Low-pressure (< 5 MPa) Low-temperature Joining of Large-area Chips on Copper Using Nanosilver Paste

Abstract:
The low-temperature joining technology (LTJT), either the conventional high-pressure version using micro-size silver powders or the low-pressure version using nanosilver paste, has been widely demonstrated for attaching power chips on silver- or gold-metallized substrates. In this work, we investigated the processing conditions for bonding large-area chips by sintering nanosilver paste directly on plain copper surface. We developed a double-print process for making this type of bonding: started by printing an initial layer of silver paste; followed by drying in pure nitrogen at temperature up to 180 °C; applied a thin second print to ensure complete "wetting" of the paste on the bonding surface of the chip; and then heated in a hot press to 275 °C under pressure ranging from zero to 12 MPa.

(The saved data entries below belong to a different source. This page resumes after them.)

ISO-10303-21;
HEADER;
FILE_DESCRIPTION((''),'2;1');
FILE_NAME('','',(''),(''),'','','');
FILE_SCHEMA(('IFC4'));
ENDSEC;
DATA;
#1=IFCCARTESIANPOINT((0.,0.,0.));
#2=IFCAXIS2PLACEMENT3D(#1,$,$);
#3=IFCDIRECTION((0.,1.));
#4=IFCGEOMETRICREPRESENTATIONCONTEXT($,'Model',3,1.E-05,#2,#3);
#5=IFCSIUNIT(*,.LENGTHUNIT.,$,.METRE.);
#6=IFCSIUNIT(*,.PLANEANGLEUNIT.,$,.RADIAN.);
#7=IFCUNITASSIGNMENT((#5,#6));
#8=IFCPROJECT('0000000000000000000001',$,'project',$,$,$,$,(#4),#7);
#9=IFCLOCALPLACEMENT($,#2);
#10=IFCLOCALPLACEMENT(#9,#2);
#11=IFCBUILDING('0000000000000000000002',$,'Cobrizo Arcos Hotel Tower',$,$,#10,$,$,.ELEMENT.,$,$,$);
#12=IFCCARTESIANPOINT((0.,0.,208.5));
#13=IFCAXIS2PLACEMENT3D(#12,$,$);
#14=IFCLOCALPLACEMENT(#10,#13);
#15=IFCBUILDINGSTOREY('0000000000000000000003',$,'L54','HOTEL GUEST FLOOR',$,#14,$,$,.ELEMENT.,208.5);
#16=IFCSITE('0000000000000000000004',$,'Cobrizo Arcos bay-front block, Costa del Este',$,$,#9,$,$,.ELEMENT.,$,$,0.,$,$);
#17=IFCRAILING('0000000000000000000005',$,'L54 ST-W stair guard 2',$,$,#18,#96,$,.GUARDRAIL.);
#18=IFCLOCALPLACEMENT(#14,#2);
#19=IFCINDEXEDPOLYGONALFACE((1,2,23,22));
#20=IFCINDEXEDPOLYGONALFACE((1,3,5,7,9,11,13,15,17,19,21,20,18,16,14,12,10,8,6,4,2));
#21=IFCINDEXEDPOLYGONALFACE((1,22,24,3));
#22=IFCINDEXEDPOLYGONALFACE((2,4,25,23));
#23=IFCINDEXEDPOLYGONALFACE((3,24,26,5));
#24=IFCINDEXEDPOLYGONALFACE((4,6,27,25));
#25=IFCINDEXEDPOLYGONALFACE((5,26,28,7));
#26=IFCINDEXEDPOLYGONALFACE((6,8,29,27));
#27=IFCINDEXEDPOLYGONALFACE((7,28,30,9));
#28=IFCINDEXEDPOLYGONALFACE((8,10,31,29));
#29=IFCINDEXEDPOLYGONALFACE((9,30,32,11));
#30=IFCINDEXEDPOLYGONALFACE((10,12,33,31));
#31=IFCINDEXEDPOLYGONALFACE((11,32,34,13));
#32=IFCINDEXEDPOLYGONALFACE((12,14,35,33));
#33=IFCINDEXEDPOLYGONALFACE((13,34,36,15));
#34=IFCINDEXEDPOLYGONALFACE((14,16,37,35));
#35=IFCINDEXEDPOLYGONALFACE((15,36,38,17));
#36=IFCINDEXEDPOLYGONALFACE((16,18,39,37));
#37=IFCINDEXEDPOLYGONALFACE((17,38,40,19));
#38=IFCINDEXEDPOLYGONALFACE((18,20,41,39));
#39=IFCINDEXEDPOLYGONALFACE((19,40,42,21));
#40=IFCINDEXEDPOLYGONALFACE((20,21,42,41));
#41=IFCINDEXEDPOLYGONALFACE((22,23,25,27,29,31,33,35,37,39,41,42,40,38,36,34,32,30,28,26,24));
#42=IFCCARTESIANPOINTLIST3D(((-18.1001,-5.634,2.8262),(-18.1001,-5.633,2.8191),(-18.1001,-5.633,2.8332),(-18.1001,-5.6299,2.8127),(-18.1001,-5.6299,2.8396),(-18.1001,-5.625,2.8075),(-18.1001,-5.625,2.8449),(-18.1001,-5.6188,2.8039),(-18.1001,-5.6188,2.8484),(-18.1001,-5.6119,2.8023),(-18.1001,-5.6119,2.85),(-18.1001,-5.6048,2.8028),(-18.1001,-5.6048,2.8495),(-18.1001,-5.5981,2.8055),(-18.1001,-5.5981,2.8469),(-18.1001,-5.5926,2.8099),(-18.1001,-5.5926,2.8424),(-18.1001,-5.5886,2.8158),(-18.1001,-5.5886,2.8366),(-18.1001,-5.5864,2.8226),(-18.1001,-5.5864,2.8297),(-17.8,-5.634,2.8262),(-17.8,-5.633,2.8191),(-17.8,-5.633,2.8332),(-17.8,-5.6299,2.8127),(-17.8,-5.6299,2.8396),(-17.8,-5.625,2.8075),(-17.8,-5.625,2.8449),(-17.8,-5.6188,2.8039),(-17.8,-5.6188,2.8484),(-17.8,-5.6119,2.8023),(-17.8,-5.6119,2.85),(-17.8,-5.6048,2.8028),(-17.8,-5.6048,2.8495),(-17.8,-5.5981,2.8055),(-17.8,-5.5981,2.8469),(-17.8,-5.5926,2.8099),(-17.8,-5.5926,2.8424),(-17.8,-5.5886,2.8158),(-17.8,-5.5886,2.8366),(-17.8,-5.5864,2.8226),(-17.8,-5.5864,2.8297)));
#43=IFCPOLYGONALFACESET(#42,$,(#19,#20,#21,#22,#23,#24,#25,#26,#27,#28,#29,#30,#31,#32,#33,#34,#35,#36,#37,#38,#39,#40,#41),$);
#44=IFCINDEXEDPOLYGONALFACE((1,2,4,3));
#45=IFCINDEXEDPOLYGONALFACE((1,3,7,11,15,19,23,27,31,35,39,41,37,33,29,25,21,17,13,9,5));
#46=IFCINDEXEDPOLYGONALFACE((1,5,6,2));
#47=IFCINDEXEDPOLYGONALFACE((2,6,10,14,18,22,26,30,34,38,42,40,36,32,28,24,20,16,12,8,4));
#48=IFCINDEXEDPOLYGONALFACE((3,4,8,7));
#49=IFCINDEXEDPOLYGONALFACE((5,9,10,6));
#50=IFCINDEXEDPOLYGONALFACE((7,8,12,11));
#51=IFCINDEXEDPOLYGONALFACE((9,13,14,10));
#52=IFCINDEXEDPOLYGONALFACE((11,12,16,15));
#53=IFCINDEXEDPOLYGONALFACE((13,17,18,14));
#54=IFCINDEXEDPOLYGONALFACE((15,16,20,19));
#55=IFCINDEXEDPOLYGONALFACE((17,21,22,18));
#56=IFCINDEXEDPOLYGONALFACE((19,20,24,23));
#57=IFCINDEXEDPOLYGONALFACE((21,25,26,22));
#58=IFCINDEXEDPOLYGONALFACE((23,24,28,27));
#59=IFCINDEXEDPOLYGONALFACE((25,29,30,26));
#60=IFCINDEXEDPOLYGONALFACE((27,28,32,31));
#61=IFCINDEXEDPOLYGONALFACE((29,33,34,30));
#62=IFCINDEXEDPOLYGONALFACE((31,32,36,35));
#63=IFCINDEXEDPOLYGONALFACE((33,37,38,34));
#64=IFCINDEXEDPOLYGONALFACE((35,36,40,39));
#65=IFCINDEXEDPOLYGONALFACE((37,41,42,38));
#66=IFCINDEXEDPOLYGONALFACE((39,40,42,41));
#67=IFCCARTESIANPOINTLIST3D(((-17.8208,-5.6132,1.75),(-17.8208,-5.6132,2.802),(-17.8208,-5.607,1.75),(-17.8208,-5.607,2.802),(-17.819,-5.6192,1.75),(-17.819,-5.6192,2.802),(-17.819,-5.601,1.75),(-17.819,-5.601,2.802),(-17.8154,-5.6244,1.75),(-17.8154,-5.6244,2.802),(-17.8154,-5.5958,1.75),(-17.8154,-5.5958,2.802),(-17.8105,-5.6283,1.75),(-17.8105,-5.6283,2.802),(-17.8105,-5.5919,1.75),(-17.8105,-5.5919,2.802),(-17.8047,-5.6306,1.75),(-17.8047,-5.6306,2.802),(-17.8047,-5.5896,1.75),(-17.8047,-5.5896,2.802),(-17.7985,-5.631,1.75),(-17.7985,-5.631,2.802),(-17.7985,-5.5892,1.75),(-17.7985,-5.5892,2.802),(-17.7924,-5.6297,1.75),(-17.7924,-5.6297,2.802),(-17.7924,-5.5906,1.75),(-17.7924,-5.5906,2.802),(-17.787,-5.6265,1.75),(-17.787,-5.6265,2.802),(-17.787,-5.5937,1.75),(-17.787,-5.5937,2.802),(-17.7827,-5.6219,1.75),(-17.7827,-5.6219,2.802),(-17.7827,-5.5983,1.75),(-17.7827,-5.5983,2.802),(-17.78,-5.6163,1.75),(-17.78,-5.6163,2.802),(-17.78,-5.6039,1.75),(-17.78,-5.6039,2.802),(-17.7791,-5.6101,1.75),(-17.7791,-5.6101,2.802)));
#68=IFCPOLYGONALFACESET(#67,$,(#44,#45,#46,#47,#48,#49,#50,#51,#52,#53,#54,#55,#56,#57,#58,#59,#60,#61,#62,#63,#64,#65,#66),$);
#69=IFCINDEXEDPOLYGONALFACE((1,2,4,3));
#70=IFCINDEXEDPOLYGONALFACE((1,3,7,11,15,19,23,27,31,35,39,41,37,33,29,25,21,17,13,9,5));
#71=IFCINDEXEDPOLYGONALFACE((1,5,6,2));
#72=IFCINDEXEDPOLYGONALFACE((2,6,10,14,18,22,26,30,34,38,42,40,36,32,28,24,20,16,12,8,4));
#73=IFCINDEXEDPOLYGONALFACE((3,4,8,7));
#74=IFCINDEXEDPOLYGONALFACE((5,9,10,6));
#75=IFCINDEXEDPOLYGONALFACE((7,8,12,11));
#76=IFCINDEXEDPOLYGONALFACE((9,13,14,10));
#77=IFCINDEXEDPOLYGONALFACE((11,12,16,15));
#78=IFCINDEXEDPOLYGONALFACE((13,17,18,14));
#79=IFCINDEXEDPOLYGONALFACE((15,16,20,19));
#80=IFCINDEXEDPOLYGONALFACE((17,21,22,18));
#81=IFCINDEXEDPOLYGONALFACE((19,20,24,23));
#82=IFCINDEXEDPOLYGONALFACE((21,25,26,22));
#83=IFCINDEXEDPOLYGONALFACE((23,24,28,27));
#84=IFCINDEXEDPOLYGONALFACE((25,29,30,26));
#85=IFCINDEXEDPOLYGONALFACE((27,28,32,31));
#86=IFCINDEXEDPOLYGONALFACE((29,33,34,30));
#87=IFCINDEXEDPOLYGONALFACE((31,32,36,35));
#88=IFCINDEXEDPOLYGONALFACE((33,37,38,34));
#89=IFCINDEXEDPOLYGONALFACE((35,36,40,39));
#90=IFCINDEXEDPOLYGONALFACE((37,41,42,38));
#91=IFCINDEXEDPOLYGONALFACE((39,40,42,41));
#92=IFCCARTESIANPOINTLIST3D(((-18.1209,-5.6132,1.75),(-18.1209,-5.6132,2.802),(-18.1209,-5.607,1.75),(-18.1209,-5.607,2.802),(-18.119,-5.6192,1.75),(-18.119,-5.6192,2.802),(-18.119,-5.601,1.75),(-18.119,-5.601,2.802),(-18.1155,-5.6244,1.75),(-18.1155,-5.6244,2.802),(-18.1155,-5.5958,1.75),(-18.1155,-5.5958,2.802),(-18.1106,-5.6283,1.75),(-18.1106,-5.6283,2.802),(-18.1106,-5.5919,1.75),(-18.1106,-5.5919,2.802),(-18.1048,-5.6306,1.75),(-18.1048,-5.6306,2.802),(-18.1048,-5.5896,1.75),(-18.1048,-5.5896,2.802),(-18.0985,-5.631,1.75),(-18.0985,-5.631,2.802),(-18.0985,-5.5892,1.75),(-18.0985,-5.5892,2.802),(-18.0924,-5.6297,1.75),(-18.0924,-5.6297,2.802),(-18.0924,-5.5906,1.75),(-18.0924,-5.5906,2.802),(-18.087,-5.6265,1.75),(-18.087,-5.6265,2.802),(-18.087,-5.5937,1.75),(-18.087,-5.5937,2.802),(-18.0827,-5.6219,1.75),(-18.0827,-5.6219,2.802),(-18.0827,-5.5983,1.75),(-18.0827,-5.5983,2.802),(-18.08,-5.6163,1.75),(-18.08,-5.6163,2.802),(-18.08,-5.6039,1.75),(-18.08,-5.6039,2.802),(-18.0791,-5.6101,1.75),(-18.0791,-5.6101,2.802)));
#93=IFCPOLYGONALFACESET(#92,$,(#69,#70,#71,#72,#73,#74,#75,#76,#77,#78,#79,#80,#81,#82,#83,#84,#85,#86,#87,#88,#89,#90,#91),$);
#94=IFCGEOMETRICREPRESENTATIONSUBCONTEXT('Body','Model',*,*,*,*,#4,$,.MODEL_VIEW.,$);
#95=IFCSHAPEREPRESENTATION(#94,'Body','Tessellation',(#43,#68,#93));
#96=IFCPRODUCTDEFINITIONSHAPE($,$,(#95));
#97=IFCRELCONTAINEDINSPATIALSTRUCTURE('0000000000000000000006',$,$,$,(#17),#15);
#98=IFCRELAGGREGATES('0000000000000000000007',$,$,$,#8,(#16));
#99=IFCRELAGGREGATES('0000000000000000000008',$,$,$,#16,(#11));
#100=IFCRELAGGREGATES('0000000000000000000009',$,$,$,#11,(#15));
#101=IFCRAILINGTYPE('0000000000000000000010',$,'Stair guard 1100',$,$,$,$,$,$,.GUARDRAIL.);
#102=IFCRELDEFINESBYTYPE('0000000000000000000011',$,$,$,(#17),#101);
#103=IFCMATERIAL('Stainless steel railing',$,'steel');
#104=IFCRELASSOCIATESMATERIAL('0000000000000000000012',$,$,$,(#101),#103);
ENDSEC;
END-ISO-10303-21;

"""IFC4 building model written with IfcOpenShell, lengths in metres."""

from ifc_helpers import new_model, si_unit, direction, frame, origin, origin_2d, place, context, subcontext, project, spatial, circle, extrude, material, type_object, element, save


model = new_model("IFC4")

# Units and contexts
model_context = context("Model", 3, precision=1e-05, world=origin(), true_north=direction((0.0, 1.0)))
body_context = subcontext(model_context, "Body", "Model", "MODEL_VIEW")
ifc_project = project(units=[si_unit("LENGTHUNIT", "METRE"), si_unit("PLANEANGLEUNIT", "RADIAN")], contexts=[model_context])

# Site, building, storey
site_placement = place(None, origin())
site = spatial("IfcSite", under=ifc_project, at=site_placement, Name="Cobrizo Arcos bay-front block, Costa del Este", CompositionType="ELEMENT", RefElevation=0.0)
building_placement = place(site_placement, origin())
building = spatial("IfcBuilding", under=site, at=building_placement, Name="Cobrizo Arcos Hotel Tower", CompositionType="ELEMENT")
storey_placement = place(building_placement, frame((0.0, 0.0, 208.5)))
storey = spatial("IfcBuildingStorey", under=building, at=storey_placement, Name="L54", Description="HOTEL GUEST FLOOR", CompositionType="ELEMENT", Elevation=208.5)

# Railing
ifc_material_1 = material(Name="Stainless steel railing", Category="steel")
railing_type_1 = type_object("IfcRailingType", Name="Stair guard 1100", PredefinedType="GUARDRAIL", material=ifc_material_1)
railing_1_placement = place(storey_placement, frame((-17.8, -5.6101, 1.75)))
element("IfcRailing", 1, at=railing_1_placement, inside=storey, type_object=railing_type_1, Name="L54 ST-W stair guard 2", PredefinedType="GUARDRAIL", context=body_context, shape_type="SweptSolid", body=[
    extrude(circle(Radius=0.0239, at=origin_2d()), frame((0.0, 0.0, 1.0762), z_axis=(-1.0, 0.0, 0.0), x_axis=(0.0, -1.0, 0.0)), (0.0, 0.0, 1.0), 0.3),
    extrude(circle(Radius=0.021, at=origin_2d()), origin(), (0.0, 0.0, 1.0), 1.052),
    extrude(circle(Radius=0.021, at=origin_2d()), frame((-0.3, 0.0, 0.0)), (0.0, 0.0, 1.0), 1.052),
])

save(model, "model.ifc")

Ceramic mechanical chips measured at 6 mm x 6 mm were bonded by the double-print process on direct-bond-copper (DBC) substrate. Die-shear test of the attached chips showed an average bonding strength of over 40 MPa at applied pressure of 3 MPa and over 77 MPa under 12 MPa sintering pressure. SEM imaging of the failure surface showed a much denser microstructure of sintered silver layer when applying pressure. X-ray imaging showed a bonding layer free of voids. Since the samples were sintered in air, the DBC surface showed some oxidation. To test the wire-bondability of the oxidized surface, aluminum wires of 250 microns in diameter were wedge-bonded at different locations of the oxidized surface. Pull test results of the bonded wires showed a minimum pull-strength of 400 gram-force, which exceeds the minimum of 100-gf required by the IPC-TM-650 test standard.